Kormanek Mariusz, Assist. prof.

Ground contact pressures exerted by elements of the machine chassis on the ground in the forest are associated with the machine impact on the soil during its operation. In the case of a crawler system, determining the ground contact pressure appears simple, which is not entirely true. The aim of the study was to analyze the loads on the ground (forest soil) exerted by the MHT 8002HV crawler harvester chassis. The measurements were made in Forest School Enterprise in Kostelec nad Černými Lesy, Central Bohemia Region in the Czech Republic, on brown soil made of clay on stony formations, fresh mixed mountain forest (FMMF), with the use of a hydraulic scale when extending the harvester crane forward along and perpendicular to the longitudinal axis of the machine. The calculations were carried out with a simulated load of the crane on the tree in question, assuming that the impact on the ground of the crawler system is heterogeneous and that the point impact comes from the crawler support wheels. As it was shown, the average ground contact pressures under the crawler track of the analyzed harvester generally do not exceed 70 kPa. The crane extension with a simulated load, which would have caused the crawler track to act on the ground with an average pressure exceeding 70 kPa, was limited by machine stability. On the other hand, high ground contact pressures may occur under a more loaded section of the crawler track if the active length of the crawler track is shortened. As it was shown in the case of a weak track tension, the course of ground contact pressures exerted on the soil deviates from the assumed usually homogeneous impact over the entire length of the crawler.

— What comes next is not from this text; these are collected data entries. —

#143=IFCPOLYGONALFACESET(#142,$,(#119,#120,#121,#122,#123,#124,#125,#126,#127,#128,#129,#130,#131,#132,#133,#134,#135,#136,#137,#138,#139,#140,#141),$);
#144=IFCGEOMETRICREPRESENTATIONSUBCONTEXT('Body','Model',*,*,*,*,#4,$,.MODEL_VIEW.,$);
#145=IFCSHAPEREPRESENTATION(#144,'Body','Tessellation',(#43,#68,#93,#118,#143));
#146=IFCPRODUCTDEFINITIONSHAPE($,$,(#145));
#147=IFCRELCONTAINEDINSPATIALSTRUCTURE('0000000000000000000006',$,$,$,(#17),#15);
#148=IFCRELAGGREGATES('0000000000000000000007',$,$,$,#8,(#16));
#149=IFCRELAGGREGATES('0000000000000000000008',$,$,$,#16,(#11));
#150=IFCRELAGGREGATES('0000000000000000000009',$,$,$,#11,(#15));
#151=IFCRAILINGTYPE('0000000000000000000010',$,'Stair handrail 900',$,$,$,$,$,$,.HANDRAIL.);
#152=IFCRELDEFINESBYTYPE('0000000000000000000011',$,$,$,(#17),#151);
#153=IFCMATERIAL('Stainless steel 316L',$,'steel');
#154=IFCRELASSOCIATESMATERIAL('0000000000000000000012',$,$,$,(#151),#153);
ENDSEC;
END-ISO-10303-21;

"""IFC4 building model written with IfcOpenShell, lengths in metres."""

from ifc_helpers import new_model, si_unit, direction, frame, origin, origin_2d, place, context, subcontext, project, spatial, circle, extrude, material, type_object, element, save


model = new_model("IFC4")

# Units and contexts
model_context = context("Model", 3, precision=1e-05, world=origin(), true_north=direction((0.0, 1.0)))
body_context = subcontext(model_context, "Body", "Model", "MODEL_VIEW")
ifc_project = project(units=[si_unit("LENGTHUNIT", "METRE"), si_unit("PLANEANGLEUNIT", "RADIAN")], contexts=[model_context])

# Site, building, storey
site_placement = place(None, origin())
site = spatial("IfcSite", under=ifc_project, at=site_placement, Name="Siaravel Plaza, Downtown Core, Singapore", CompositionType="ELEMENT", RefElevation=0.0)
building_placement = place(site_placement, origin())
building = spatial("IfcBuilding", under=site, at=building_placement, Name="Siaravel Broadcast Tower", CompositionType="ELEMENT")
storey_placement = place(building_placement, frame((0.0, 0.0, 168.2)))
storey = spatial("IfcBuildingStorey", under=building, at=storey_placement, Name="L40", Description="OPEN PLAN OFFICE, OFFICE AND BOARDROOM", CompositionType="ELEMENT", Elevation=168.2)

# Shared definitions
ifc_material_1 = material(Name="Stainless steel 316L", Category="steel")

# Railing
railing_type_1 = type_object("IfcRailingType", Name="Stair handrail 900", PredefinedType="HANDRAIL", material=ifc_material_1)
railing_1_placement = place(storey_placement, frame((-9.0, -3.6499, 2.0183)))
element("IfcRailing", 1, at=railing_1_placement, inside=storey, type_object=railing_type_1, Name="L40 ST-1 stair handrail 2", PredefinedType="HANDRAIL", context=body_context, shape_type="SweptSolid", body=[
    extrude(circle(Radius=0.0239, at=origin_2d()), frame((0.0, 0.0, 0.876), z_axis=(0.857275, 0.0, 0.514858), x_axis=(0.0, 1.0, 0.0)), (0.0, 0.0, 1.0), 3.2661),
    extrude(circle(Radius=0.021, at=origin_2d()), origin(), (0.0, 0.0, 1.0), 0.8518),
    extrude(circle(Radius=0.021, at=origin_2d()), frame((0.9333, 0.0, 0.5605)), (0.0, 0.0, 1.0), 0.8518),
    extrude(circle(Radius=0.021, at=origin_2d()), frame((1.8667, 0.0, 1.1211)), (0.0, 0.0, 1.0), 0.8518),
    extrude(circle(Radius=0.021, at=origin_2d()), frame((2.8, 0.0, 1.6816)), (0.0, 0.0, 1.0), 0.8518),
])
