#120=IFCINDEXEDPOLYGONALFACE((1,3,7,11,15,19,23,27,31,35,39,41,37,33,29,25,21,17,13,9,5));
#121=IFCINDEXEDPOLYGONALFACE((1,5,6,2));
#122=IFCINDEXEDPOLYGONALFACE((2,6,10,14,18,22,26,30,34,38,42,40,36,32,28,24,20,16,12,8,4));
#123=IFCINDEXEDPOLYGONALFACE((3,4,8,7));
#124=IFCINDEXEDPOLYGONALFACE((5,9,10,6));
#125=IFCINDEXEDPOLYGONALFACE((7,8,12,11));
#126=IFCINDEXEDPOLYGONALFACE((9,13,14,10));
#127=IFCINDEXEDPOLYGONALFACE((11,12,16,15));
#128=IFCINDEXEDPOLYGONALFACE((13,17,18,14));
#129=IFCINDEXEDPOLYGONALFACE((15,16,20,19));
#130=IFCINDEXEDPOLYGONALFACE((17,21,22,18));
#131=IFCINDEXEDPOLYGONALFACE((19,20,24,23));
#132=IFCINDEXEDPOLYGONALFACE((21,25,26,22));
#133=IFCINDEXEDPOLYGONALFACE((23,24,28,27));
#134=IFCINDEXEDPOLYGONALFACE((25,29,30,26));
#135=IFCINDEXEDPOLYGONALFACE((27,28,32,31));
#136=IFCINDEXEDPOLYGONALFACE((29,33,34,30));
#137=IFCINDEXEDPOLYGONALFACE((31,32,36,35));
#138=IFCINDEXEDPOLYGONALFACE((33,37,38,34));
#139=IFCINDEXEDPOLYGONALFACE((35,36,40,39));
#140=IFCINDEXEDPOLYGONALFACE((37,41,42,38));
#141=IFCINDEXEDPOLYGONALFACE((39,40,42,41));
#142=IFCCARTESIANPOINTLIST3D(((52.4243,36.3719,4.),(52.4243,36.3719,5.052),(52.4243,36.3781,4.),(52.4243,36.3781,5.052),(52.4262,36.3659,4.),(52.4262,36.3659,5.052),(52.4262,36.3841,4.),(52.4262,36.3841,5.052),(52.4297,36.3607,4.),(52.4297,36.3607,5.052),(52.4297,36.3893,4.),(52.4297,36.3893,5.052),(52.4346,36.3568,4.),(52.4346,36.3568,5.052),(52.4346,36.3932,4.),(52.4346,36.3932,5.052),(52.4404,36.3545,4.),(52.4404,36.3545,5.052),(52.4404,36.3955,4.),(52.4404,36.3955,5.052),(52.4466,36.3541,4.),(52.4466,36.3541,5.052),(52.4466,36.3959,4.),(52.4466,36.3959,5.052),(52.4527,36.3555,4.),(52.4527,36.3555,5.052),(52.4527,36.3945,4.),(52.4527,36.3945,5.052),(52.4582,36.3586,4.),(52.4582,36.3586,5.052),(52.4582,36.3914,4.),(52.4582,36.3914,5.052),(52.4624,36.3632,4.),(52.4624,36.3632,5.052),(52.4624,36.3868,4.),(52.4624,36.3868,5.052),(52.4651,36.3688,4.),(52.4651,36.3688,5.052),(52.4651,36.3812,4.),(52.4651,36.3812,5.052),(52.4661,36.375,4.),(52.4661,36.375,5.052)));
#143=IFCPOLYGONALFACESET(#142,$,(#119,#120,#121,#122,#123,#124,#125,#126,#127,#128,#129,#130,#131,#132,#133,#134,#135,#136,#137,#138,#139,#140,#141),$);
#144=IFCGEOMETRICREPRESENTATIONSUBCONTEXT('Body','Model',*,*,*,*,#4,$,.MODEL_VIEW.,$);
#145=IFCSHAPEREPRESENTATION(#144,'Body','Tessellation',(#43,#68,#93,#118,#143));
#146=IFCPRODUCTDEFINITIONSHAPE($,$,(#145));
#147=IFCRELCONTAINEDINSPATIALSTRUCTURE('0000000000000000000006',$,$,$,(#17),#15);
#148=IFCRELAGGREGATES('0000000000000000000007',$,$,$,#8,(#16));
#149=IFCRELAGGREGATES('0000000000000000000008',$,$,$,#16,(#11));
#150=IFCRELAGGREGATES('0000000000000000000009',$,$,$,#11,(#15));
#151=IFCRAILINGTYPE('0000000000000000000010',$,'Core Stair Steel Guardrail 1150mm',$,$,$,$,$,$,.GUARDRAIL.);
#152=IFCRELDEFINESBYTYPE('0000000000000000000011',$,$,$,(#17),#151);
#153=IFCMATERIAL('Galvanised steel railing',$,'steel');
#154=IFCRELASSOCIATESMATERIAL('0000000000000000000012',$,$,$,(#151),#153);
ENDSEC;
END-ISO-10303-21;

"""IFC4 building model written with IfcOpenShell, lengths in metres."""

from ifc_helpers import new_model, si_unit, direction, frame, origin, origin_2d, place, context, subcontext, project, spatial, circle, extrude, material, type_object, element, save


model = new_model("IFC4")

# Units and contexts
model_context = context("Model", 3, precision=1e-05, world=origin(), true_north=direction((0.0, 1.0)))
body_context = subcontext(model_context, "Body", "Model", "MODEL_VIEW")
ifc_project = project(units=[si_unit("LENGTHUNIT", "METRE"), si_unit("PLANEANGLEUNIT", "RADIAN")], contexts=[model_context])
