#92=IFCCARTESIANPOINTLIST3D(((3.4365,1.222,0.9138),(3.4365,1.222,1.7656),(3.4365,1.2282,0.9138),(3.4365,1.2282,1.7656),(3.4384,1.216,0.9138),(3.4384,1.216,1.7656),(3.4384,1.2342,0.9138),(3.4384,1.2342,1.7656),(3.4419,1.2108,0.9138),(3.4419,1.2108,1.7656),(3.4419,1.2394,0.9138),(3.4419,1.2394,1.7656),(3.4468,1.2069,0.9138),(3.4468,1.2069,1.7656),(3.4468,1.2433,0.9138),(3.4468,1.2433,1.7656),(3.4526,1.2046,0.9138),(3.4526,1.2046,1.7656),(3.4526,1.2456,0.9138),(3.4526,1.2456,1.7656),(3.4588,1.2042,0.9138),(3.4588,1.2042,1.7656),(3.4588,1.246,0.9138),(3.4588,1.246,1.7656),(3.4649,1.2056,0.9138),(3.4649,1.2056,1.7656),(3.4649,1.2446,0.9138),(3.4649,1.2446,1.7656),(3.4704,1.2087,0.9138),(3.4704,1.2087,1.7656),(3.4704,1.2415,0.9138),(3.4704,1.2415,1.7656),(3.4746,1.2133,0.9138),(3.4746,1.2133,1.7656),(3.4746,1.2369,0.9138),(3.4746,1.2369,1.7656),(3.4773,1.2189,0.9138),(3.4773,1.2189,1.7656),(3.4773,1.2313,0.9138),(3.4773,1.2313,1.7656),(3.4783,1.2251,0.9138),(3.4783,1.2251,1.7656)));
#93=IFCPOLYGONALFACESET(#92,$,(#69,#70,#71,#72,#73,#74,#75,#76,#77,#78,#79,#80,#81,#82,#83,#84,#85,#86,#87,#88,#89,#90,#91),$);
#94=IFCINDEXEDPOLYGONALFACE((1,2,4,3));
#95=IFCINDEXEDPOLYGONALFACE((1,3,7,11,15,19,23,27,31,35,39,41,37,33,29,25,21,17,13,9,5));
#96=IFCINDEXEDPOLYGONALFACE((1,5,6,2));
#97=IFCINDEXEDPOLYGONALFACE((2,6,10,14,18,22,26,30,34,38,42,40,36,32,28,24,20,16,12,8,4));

Wood harvesting with the use of wheeled harvesters is now common in Polish and Czech forests. While moving in the forest, the wheels of these machines affect the forest soil and the extent of this impact is interesting. The paper presents the results of measurements of the changes that occur in the soil on the operational trails after the timber harvesting using the Entracon Sioux EH30 thinning harvester. The measurements were taken on fragments of three operational trails, in and between the ruts and at a distance of 1.0 m off the trail. An impact penetrometer was used to measure the penetration resistance, soil samples were collected to determine the bulk density and moisture content, and soil deformations on the trail were measured with a profile meter. Unit pressures exerted by harvester wheels on the ground were determined. It was shown that in the places where the harvester wheels pass, even of a small weight (5.73 tons, 8 wheels) and with unit pressures of the wheels on the ground <50 kPa, changes in soil parameters occurred. A statistically significant increase in penetration resistance in relation to the control occurred at a depth of up to 35 cm, while at a depth of up to 5 cm the increase was more than 2-fold. There was also a slight decrease in soil moisture content (up to 7.9%) and an increase (up to 8.4%) in bulk density in the ruts, while rut depths were small and reached 4 cm. As it was shown, the impact penetrometer, simple in design, which was assumed to be used for measurements, and which is not used in this type of research in forestry, despite its limitations, can be used to determine the compactness of the soil and its changes resulting from machine work.

Forest regeneration by means of seedlings grown in container nurseries is usually performed manually with the use of the standard dibble bar or the tube dibble. Manual placement of a large number of seedlings in the soil requires a lot of work. Manual removal of the soil cover and digging the soil in spots with a diameter of 0.4 m requires, under average conditions, about 38 man-hours/ha, while planting with a dibble bar requires about 34 man-hours/ha. Additional work time is needed to carry seedlings over an area that is being afforested. At present, forestry does not have automatic planters that would enable the establishment of forest cultures. The aim of the paper is to present the concept of an autonomous robot and an innovative technology of performing forest regeneration and afforestation of former agricultural and reclaimed areas. The paper also presents the design solutions of the key working unit, which is a universal, openable dibble, cooperating with a three-toothed shaft to prepare a planting spot. The solution proposed enables continuous operation of the machine, i.e. without the need to stop the base vehicle.